Hilarious! Thanks for sharing!

The fake blog was great, too! -> Fake Ken Rockwell Blog


----------



## stsinner (Mar 13, 2009)

OMG!!   "Rockwell portraits are so lifelike, they have to pay taxes"..  That's priceless!!


----------



## MACollum (Mar 14, 2009)

tharmsen said:


> The term tripod was coined after his silhouette


I call BS! :er: LOL


----------



## Marty Kay (Nov 30, 2010)

Even here in far flung Australia we hear of Ken Rockwell.  Hey Ken, after having seen a few of your galleries I did a double take - just can't believe how much colour jacking and sharpening you do.  You are also a lot like David Doubilet (who I know).  He admits that he takes the shotgun approach.  Literally hundreds of shots of the one subject with tiny, subtle differences in lighting and angle.  Not all of us have the resources (or time) to do that.  Some of my best shots have been a group of only 3, EV bracketed 1/3 - 0 - 1/3.   But unless a person derives 100% income from pro photography, not 100%, in Ken's eyes you are not a pro, so I guess it follows you know nothing.


----------



## j-dogg (Nov 30, 2010)

Ken Rockwell's lenses aren't image stabilized......he holds the earth still before he clicks the shutter.

Ken Rockwell once shot in the golden hour for three weeks straight.

There is no such thing as automatic exposure metering, Ken Rockwell just bends the light in front of your camera.

Ken Rockwell is the only photographer to successfully shoot at F0

Ken Rockwell once processed a RAW format image with a slide rule in 14 seconds.

Ken Rockwell shot large format through a Fisher Price View-Master and got an image.


----------



## Flash Harry (Dec 3, 2010)

I bet Ken is worth a fortune, his marketing is shear genius, wish I could get the free publicity you lot give him. H


----------



## Ub3rdoRK (Dec 3, 2010)

I guess I don't understand why everyone hates him. Is it because he shoots nikon or am I missing something?


----------



## white (Dec 3, 2010)

Would it be going out on a limb to say he's kinda like the Thomas Kinkade of photography?


----------



## Chamelion 6 (Dec 3, 2010)

Ub3rdoRK said:


> I guess I don't understand why everyone hates him. Is it because he shoots nikon or am I missing something?


 
I can't say I hate the guy, mostly I just ignore him.

His stuff is just mostly over saturated compositionally uninteresting snapshots.  That's my opinion.  I'm simply not drawn to his stuff.  It's not bad, it's just plain boring.  Kind of like a TV dinner version of fine quisine.  :meh:


----------



## JerrfyLube (Dec 3, 2010)

Ub3rdoRK said:


> I guess I don't understand why everyone hates him. Is it because he shoots nikon or am I missing something?

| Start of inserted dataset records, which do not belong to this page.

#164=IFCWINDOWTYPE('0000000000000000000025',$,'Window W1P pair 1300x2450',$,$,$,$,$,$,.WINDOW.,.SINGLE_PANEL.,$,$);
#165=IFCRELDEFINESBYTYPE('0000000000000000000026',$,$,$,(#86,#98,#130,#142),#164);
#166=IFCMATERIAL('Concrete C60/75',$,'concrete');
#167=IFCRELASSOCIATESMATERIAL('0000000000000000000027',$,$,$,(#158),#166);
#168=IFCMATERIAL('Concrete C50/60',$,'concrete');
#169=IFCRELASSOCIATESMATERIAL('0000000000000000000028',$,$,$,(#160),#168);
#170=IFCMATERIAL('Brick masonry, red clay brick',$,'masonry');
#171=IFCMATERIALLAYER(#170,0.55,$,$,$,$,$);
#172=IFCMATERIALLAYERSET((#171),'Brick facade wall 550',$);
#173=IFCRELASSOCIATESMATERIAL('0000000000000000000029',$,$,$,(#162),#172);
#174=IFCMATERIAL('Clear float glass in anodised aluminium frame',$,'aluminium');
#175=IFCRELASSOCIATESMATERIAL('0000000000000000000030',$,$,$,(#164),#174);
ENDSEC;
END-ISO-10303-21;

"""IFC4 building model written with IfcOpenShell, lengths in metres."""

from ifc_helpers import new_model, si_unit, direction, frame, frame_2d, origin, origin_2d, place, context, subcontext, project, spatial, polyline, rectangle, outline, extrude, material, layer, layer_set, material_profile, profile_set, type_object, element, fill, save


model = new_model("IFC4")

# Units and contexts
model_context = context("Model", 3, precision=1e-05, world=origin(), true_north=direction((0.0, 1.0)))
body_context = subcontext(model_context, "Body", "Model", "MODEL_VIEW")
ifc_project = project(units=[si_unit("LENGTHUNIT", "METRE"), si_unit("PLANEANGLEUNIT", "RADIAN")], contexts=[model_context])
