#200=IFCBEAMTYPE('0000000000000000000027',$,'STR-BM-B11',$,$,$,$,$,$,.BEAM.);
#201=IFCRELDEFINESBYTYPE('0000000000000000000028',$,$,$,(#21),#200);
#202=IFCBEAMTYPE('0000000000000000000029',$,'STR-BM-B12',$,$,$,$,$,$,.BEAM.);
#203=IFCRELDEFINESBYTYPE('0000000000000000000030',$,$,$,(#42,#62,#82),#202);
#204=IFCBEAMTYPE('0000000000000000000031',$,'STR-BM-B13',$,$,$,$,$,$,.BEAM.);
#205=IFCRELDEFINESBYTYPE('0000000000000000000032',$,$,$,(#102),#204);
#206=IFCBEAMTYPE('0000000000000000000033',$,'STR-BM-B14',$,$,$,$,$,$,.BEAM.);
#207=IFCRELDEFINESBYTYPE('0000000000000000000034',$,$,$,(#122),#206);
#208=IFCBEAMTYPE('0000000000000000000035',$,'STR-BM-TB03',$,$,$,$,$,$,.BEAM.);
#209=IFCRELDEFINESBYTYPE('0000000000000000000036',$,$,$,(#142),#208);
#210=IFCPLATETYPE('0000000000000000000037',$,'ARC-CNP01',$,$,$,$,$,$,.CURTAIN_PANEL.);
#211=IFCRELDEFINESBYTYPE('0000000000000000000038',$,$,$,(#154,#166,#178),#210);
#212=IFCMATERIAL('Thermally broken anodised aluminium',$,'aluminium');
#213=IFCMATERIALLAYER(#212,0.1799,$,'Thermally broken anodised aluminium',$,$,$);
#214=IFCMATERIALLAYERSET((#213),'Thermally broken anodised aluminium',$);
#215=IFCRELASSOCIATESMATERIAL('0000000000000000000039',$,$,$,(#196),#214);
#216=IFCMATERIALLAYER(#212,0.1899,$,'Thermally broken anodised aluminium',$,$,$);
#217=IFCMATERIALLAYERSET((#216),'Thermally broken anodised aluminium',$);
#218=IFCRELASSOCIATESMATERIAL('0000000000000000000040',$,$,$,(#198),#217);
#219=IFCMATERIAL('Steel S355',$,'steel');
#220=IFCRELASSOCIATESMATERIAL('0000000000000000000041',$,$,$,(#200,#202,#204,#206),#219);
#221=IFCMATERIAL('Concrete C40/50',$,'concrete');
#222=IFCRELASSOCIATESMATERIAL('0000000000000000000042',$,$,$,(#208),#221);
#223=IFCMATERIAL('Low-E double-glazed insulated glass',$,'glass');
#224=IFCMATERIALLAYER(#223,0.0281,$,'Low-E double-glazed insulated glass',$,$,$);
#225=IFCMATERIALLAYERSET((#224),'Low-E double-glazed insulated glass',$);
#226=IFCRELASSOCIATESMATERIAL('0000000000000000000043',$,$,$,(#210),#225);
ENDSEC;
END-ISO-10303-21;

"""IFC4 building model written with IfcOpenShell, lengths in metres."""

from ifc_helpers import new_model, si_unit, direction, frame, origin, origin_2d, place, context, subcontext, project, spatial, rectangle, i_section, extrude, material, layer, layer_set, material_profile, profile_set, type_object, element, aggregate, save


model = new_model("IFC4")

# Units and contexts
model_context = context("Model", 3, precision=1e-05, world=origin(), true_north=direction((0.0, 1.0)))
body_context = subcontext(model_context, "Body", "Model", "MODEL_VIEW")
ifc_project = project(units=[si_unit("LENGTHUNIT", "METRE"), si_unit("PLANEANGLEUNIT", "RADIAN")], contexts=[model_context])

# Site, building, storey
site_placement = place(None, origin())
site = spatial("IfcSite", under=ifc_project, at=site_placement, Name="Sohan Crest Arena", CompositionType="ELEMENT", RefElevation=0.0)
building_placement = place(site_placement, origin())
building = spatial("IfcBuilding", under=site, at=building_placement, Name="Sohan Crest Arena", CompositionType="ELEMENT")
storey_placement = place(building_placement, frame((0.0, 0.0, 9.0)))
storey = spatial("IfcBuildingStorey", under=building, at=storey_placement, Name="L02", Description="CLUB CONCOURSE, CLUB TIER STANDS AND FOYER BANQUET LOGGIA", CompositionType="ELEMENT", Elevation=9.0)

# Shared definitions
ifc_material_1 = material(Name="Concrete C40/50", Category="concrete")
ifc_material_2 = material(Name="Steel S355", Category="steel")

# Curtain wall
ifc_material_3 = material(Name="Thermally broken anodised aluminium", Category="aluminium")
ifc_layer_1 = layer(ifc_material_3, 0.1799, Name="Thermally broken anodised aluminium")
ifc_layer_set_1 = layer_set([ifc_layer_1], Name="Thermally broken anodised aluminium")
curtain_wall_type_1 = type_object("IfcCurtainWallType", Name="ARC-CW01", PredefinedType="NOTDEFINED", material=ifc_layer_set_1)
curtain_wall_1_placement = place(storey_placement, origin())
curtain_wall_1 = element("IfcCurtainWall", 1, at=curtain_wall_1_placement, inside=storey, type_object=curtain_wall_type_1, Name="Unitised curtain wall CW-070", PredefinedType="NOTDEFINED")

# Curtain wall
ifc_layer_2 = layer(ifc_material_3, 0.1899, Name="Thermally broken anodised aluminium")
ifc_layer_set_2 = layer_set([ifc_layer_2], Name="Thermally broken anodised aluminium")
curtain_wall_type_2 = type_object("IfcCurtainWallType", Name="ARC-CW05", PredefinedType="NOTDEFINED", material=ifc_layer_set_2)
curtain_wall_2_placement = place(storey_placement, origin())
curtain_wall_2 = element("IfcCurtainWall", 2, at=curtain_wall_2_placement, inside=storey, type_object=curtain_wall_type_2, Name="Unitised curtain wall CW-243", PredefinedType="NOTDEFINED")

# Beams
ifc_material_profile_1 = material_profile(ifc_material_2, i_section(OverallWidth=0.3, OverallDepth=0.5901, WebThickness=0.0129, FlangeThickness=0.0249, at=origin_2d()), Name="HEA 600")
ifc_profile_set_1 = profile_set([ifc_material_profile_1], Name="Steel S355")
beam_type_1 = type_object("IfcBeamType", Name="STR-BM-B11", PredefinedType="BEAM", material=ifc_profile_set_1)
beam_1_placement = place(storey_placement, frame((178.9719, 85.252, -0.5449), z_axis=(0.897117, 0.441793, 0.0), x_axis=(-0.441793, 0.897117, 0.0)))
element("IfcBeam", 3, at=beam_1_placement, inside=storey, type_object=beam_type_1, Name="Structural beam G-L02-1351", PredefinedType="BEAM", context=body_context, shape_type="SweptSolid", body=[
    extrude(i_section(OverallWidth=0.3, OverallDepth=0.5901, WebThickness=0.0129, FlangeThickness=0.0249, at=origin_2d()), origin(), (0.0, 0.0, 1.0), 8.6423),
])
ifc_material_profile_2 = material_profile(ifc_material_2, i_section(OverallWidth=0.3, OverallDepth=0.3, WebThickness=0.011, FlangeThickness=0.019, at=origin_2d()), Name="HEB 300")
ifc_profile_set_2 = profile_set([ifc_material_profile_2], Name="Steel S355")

Its because he spouts off total non-sense and believes it so much to be true that he made a website about it.  

He is a blathering idiot and not much more.


----------



## SageMark (Dec 3, 2010)

Good stuff!


----------



## Sachphotography (Dec 4, 2010)

JerrfyLube said:


> ............Its because he spouts off total non-sense and believes it so much to be true that he made a website about it.
> He is a blathering idiot and not much more.



Yeah and that Blathering Idiot makes a killing off his total Non-sense. While I may not agree with everything he says, his annoying cartoon like voice or his pure annoyances, the guy makes money off of what he says and people listen. There is one in every industry and he is ours.


----------



## jake337 (Dec 5, 2010)

He makes money. He's smart. Vince McMann of Photography, everyone loves to hate him.  Which in turn makes him money.


----------



## Overread (Dec 5, 2010)

Ken Rockwell shoots Nikon
Chuck Noris shoots Canon


----------